I sing bass in a barbershop choir (i do enjoy other music aswell but me and my friend both agree, barbershop is the best none tutorial vocal training you can get and when those chords ring, you feel like you want to marry music!) i have a real problem with my range, i can't reach above a middle c! it really bums me out cos all my bottom notes down to bottom Bb (2 8ves below mid c) are good but my high notes suck. It does however mean i have a good falsetto so if u really need a counnter tenor i could try!
PS, if anyone can help me in finding and developing head voice for use in choral singing, speak (or sing) now!


----------



## Daniel

Welcome Joseph Haydn! 

Nice you found to us.

Anyway, now we really have to search for more tenors and altos for our "Forum-Choir". 

Greetings,
Daniel


----------



## ikklebassoonist

Alto!!!
We may be referred to as weird (coughJosefHaydncough) but we totally rock.
Whats this about a forum choir?


----------



## MelodicDreamer

I am a soprano, but I can sing alto.

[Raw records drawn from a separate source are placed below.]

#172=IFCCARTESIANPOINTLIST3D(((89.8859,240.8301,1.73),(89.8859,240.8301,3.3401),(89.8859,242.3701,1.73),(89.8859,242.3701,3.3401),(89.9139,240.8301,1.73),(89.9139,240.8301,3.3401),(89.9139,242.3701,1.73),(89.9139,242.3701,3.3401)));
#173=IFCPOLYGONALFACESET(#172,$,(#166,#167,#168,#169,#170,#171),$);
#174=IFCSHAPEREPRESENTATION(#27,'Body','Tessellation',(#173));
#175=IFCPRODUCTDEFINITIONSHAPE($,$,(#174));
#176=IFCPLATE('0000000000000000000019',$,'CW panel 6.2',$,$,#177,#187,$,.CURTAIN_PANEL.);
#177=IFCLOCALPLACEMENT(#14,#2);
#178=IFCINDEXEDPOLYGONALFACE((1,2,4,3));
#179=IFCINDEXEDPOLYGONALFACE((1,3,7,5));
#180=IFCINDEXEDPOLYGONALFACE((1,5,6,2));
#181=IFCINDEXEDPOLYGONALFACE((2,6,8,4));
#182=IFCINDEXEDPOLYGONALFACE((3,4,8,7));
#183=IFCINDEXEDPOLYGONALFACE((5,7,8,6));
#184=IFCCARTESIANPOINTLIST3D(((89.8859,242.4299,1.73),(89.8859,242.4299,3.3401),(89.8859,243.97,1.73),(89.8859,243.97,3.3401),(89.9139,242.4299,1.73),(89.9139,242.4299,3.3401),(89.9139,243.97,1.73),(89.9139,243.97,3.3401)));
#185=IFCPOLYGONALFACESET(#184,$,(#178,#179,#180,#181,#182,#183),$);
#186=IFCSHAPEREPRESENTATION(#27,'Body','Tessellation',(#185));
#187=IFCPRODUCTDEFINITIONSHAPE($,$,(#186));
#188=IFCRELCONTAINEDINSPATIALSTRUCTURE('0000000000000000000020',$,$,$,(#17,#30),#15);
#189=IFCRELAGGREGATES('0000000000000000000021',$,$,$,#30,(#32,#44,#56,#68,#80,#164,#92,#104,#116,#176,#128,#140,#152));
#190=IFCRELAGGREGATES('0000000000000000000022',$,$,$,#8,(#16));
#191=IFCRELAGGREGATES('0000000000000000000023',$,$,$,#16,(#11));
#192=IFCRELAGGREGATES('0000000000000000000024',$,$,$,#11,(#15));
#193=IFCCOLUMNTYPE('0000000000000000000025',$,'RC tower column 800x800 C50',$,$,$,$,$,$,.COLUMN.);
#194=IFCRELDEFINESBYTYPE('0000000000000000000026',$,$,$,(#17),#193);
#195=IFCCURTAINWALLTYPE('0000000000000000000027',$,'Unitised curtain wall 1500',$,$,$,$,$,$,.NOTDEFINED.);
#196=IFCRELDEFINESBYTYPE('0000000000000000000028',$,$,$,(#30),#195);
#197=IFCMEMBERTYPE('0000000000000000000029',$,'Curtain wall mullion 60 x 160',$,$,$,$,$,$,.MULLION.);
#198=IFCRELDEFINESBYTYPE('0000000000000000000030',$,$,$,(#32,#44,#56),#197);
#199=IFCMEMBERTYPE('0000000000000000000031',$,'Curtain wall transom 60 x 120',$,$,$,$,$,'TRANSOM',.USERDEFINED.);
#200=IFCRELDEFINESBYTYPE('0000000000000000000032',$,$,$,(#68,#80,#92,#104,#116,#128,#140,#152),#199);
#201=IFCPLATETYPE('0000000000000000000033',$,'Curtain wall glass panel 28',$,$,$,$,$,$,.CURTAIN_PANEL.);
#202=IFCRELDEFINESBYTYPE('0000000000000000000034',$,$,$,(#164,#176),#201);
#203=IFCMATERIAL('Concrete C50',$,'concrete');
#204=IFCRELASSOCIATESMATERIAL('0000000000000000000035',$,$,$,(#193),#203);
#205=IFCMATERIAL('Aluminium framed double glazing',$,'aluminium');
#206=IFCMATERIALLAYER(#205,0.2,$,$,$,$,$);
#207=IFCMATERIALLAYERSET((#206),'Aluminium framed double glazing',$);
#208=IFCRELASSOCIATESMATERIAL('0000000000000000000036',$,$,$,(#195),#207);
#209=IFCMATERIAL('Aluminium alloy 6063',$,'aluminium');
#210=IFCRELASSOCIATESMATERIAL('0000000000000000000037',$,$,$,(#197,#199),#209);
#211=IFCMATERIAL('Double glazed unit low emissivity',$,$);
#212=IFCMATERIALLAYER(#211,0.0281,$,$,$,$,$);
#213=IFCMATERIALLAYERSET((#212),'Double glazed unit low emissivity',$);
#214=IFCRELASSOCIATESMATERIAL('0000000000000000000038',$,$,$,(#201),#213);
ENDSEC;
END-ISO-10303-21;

I am starting to sing soprano II sometimes.


----------



## Daniel

Welcome to the forum, MelodicDreamer! 

@ikklebassonist: The "forum-choir" is the imaginary group of all of us singing together in an imaginary choir.

All the best!
Daniel


----------



## vivaciouswagnerian

Don't underrate us Daniel. Our choir is FEIRCE..... we just dont know it yet  .

But suriusly, we gotta get this forum active again. I'm no one to talk, but we gotta do it for real!

Love ya'll


Oh, P.S. Tenor here. I look at the poll and there are 3 of us?!?!?!? :Gasp: oh wait.... lack of tenors is what gets me gigs, whoops. LoL


----------



## Future_teacher

What happened to mezzo sopranos? Don't you love us? I sing alto in chorus but I am a mezzo soprano.


----------



## zlya

Last time I sang in a choir I sang tenor. I believe it takes a real woman to sing low. I've sung alto and sop as well; I pretty much go where I'm needed. (In various choirs I've now sung four out of six parts of Byrd's Sing Joyfully . . . just need to pick up Sop 1 and Bass).


----------



## Future_teacher

zlya said:


> Last time I sang in a choir I sang tenor. I believe it takes a real woman to sing low.

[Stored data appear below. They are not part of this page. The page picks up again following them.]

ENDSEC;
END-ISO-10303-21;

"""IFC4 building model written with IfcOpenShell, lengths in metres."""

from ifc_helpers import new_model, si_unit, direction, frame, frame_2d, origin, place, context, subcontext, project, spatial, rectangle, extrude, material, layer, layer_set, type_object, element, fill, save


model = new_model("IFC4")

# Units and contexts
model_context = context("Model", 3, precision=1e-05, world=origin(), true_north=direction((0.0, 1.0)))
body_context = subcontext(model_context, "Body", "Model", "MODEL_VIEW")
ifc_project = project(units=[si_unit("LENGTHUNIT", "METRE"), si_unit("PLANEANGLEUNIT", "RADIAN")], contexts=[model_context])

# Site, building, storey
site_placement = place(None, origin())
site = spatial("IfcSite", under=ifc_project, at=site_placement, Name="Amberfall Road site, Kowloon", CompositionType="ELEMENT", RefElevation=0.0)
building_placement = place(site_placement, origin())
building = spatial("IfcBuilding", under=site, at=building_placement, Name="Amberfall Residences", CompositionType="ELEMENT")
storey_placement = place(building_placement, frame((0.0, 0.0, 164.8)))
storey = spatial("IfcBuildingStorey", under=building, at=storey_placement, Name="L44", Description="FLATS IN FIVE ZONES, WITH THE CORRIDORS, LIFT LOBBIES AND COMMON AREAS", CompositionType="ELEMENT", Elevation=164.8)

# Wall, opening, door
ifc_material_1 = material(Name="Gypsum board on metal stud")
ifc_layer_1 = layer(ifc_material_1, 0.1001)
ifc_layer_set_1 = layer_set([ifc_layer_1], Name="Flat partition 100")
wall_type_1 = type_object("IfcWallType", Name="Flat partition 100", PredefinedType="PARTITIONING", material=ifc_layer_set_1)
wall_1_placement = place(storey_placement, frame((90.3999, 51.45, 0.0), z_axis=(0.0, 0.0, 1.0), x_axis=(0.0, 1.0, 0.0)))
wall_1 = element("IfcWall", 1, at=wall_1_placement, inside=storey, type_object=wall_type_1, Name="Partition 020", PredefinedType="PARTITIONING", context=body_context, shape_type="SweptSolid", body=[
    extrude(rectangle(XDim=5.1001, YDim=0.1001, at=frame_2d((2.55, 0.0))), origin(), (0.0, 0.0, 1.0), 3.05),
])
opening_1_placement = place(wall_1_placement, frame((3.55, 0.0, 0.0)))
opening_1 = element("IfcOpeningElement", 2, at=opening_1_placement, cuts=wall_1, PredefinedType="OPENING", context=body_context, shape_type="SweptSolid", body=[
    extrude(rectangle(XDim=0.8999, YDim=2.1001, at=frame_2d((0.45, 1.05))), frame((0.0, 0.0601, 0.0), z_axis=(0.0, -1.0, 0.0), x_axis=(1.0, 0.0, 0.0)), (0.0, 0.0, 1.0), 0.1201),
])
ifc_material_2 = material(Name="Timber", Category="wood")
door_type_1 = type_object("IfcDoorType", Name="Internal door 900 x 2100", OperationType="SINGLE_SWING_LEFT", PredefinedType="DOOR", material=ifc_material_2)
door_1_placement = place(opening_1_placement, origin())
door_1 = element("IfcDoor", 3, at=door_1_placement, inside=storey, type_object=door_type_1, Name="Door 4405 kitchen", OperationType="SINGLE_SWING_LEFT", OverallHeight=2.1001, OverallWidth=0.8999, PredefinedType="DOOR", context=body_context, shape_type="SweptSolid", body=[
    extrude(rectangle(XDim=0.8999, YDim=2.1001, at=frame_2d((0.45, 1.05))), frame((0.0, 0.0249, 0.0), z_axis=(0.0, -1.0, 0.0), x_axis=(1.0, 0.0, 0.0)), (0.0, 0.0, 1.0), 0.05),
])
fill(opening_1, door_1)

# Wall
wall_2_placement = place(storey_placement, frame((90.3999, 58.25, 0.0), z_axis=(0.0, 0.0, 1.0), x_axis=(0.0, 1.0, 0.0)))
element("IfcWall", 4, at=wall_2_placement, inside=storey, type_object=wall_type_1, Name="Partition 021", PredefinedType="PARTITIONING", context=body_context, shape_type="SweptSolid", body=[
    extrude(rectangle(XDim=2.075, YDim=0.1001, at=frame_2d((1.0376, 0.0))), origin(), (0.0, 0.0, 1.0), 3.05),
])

One of the things I love about singing alto in a women's chorus is the great low parts. SATB arrangements don't usually have those nice, rich low parts for women. I especially love Ron Nelson's alto parts.


----------



## 4/4player

Hey guys!

Im a bass..since my voice is so low...But I think I can sometimes sing baritone if I have the willpower to do it....Im having a choir class for school for this year..so hopefully by then, my music teacher will tell me what part my voice is in=D
Musically,
4/4player


----------



## Guest

As you can hear for yourself:

A A A A A A A A A A A A A A A 

I am a tenor.


----------



## dexter

I think I’m a baritone… Let me tell you about my voice training. My first voice teacher was a bass/baritone so he trained my voice to become one. When I transferred to another teacher who happens to be a tenor, he wanted my voice to sound like a tenor! So then I thought that I would become a tenor. I had a difficult time adjusting. Both of them wanted to change my voice. It was only later that I realized that my voice is actually a baritone. My voice is rather thick and I couldn’t sing the tenor range.


----------



## david johnson

tenor here.

dj


----------



## Golden Bow

A bass, there, 

at your service.


----------



## Andrew

Well, I'm not able to sing a low F or G, so I must be a baritone. I sung in a church choir for several years.


----------



## opus67

Wow, you guys are so strange. I have a normal human male voice.


----------



## Krummhorn

Another Tenor here ... 1-1/2 octave range comfortably. I can get into the Baritone range, but have no projection. Tenors rule, anyway ... lol


----------



## Chi_townPhilly

Tenor as well, but with a fatally narrow range. Think James Taylor, or the the former artist once known as Cat Stevens. That about gets it in the ballpark.


----------



## jake.robson

i'm a baritone/bass


----------



## BuddhaBandit

A very gravelly, tuneless bass... think Bob Dylan on a bad day


----------



## World Violist

My voice is still changing (slowly now), but I think I'll settle into a low baritone range.


----------



## SamGuss

Bad. Horrible. Seriously. Does that count as "other" - cause thats my vote.


----------



## Sam'sGirl

Alas, it's been a day or three since I sang regularly, but in the day I was always happiest singing alto, filled in once or twice when the first tenors needed a hand, was never really happy above high F - and need a running start to get there these days.


----------



## R-F

World Violist said:


> My voice is still changing (slowly now), but I think I'll settle into a low baritone range.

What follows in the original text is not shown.